UMSL Computer Science Colloquium
Fall 2021 - Spring 2022

Date Time Speaker Affiliation Title Zoom
10/19 4:00pm Kevin Scannell SLU Machine learning and language technology in minority language contexts Link
11/12 TBA Jason Martin DISA TBA Link
11/30 4:00pm Matthew Lane UT-Knoxville TBA Link
4/6 3:00pm Jim Miller U Kansas TBA Link

Title: Machine learning and language technology in minority language contexts

Abstract: Techniques based on machine learning and neural networks have led to huge advances in technologies such as machine translation and speech recognition. Generally speaking, very large text and speech corpora or annotated datasets are required to employ these techniques, and smaller language communities face a number of challenges in trying to produce suitable datasets for machine learning. I will discuss a number of approaches that we have used in the three Gaelic language communities to overcome these challenges, including crowdsourcing, transfer learning from better-resourced languages, and mining of historical archives for data.

Bio: Kevin Scannell earned a BS in Pure Mathematics at MIT in 1991 and a Ph.D. in Mathematics at UCLA in 1996 under the supervision of Geoffrey Mess. His mathematical research focused on hyperbolic 3-manifolds, low-dimensional topology, and mathematical physics. After spending two years at Rice University as a G. C. Evans postdoctoral instructor, he joined the faculty at Saint Louis University in 1998. His current research uses machine learning to develop computational resources that support speakers of indigenous and minority languages around the world, particularly Irish and the other Celtic languages.

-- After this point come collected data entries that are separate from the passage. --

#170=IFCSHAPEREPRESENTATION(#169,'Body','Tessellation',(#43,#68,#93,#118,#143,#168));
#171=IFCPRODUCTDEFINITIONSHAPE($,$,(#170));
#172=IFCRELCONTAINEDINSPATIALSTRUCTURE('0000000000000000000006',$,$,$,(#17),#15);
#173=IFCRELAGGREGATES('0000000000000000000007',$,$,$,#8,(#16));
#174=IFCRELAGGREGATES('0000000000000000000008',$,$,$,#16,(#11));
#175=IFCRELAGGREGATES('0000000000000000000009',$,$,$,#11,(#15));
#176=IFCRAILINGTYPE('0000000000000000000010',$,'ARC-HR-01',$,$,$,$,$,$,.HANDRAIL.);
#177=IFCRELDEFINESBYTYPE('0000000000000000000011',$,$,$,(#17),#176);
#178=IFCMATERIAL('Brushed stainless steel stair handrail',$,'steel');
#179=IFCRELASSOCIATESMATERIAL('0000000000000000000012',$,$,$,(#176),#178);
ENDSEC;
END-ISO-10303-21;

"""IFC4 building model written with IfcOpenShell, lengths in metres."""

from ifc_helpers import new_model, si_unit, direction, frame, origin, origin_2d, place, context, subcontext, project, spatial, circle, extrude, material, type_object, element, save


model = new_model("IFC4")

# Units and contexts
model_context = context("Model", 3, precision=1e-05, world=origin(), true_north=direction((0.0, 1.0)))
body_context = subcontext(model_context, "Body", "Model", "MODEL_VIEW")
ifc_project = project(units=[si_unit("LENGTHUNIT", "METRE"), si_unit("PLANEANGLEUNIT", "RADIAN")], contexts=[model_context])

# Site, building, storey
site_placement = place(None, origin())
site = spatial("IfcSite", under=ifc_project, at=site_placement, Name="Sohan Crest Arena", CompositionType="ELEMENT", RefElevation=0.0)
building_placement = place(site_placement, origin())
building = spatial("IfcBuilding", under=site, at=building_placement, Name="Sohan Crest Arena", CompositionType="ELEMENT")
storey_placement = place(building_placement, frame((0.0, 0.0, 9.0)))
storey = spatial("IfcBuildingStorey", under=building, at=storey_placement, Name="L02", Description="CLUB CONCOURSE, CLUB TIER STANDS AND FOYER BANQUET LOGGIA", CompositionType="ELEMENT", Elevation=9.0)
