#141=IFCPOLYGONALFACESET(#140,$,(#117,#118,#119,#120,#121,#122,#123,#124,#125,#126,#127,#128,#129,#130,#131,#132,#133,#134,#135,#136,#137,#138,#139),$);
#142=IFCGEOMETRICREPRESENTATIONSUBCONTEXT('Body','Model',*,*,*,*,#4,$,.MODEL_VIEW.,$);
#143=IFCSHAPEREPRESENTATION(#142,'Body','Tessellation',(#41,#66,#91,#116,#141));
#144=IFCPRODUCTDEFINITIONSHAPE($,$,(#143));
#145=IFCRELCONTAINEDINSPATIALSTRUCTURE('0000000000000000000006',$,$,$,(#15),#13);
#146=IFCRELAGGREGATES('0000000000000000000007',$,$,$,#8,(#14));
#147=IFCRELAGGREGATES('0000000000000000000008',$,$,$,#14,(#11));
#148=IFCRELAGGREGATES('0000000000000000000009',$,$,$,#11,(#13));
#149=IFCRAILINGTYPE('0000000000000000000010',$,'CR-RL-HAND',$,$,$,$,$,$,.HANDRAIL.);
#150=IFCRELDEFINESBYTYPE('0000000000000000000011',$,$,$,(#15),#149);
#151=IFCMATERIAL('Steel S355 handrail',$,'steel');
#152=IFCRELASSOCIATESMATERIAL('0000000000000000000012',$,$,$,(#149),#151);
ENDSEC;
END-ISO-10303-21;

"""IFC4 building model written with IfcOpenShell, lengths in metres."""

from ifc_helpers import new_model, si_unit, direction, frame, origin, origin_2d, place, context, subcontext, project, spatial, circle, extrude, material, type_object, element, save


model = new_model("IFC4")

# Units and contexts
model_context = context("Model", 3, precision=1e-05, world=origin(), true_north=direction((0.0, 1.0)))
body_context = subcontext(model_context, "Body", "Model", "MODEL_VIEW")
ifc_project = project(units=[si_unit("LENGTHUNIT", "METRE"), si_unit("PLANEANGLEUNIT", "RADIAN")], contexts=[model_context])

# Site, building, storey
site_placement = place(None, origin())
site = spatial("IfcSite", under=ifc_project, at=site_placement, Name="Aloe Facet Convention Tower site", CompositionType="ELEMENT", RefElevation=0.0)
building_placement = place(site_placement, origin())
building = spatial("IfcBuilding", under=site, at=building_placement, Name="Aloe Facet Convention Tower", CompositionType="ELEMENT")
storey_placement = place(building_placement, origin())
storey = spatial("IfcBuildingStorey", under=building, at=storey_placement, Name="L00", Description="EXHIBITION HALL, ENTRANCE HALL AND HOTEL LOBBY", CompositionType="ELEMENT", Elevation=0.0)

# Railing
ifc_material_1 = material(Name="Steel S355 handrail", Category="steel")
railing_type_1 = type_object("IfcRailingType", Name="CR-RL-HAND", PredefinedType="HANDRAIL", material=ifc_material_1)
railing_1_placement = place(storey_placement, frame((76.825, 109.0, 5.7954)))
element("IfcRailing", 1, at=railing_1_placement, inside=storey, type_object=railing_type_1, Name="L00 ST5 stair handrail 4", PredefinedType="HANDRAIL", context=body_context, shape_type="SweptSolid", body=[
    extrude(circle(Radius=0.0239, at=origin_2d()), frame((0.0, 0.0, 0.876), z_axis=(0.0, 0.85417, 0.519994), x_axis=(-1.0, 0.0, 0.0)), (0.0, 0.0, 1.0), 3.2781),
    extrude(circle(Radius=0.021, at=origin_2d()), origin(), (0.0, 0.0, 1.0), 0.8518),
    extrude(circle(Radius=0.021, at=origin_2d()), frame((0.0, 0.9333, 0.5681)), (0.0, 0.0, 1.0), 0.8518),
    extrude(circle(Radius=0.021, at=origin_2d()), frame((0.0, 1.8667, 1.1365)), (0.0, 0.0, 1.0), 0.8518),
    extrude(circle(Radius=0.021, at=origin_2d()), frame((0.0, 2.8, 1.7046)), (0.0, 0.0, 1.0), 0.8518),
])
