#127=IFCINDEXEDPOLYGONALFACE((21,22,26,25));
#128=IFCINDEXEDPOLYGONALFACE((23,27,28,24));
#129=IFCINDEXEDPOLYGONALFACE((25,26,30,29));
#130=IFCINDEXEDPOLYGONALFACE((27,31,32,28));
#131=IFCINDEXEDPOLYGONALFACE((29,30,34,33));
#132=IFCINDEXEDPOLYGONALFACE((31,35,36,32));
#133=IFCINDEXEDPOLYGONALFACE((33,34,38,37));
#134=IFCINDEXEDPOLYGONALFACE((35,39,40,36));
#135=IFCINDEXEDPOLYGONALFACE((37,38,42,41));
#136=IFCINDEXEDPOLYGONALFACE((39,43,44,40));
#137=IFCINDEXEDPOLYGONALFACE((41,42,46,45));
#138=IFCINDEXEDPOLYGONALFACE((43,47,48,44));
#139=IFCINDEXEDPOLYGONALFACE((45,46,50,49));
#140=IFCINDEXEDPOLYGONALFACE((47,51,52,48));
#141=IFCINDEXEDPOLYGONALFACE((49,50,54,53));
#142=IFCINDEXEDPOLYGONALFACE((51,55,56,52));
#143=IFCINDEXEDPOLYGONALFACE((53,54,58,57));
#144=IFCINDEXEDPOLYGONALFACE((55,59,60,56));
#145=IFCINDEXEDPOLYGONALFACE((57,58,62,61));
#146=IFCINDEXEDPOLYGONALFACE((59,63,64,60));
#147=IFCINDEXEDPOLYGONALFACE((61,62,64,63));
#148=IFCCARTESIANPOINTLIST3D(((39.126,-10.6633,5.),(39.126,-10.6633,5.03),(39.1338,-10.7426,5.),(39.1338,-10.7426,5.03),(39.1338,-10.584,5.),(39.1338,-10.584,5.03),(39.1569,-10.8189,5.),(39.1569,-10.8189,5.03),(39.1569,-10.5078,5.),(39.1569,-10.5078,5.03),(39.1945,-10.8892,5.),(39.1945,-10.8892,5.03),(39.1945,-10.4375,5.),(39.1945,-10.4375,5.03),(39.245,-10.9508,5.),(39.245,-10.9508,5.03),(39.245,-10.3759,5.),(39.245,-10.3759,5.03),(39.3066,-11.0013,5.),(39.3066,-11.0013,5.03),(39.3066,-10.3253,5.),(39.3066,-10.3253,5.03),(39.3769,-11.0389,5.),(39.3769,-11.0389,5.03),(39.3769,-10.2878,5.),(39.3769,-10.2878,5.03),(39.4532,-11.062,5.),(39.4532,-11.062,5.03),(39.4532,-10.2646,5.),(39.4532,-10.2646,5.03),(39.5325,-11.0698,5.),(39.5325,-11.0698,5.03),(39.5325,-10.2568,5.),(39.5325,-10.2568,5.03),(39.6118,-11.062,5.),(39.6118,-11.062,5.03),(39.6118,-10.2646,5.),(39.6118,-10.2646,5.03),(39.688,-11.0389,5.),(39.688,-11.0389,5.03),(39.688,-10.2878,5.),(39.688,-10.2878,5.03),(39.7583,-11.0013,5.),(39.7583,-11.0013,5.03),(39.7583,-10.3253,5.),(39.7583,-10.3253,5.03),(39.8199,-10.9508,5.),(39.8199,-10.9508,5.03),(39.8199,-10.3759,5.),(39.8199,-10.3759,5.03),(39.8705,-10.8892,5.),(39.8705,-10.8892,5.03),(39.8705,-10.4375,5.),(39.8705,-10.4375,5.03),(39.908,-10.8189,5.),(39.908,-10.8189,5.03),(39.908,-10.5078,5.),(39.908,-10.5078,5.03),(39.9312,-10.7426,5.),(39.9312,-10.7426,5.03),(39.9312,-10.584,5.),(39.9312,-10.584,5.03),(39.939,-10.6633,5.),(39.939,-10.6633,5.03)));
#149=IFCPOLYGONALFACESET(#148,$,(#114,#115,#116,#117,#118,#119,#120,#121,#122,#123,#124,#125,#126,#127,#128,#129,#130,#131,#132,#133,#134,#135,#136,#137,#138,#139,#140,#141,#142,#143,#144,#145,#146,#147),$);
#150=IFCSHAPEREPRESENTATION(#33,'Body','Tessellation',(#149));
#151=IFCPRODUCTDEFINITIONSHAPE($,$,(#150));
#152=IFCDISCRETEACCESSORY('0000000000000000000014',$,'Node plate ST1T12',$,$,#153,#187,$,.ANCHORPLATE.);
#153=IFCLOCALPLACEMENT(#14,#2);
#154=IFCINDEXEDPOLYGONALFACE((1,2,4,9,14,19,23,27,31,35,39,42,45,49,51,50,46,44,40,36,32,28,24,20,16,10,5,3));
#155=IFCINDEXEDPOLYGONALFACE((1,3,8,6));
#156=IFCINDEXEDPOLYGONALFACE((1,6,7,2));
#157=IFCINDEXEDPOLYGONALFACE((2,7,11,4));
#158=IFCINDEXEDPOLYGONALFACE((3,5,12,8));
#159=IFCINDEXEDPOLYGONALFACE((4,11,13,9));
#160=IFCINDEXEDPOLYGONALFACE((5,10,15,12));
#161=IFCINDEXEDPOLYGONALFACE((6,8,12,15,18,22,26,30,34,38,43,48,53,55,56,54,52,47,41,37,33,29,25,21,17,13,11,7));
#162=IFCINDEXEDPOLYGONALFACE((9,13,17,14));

Title: How regression can be effectively used in place of classification in the context of protein folding

Abstract: Protein contact prediction, a binary classification problem in bioinformatics, lies at the heart of a six-decade-old problem of protein folding. Dozens of methods, based on almost all kinds of machine learning and deep learning algorithms, have been published over the last two decades for predicting contacts. Recently, many groups including Google DeepMind have demonstrated that reformulating the problem as a multi-class classification problem is a more promising direction to pursue. As yet another alternative approach, we recently proposed to formulate and attack the problem as a regression problem - the way the information exists in nature. Nuances of protein three-dimensional structures make this formulation a unique and tempting regression problem. In this work, we discuss novel ways of output label engineering (different from feature engineering) through the use of a variety of data transformation functions, and demonstrate, for the first time, that deep learning methods for real-valued protein distance prediction can deliver distances as precise as the binary classification methods. We also demonstrate how the more granular information contained in our real-valued distances can be used to build significantly more accurate three-dimensional protein models. We believe that our work will stand as a milestone marking the dawn of real-valued distance prediction.

Bio: Jacob Barger is a Master's student under the supervision of Dr. Badri Adhikari. This is his thesis defense.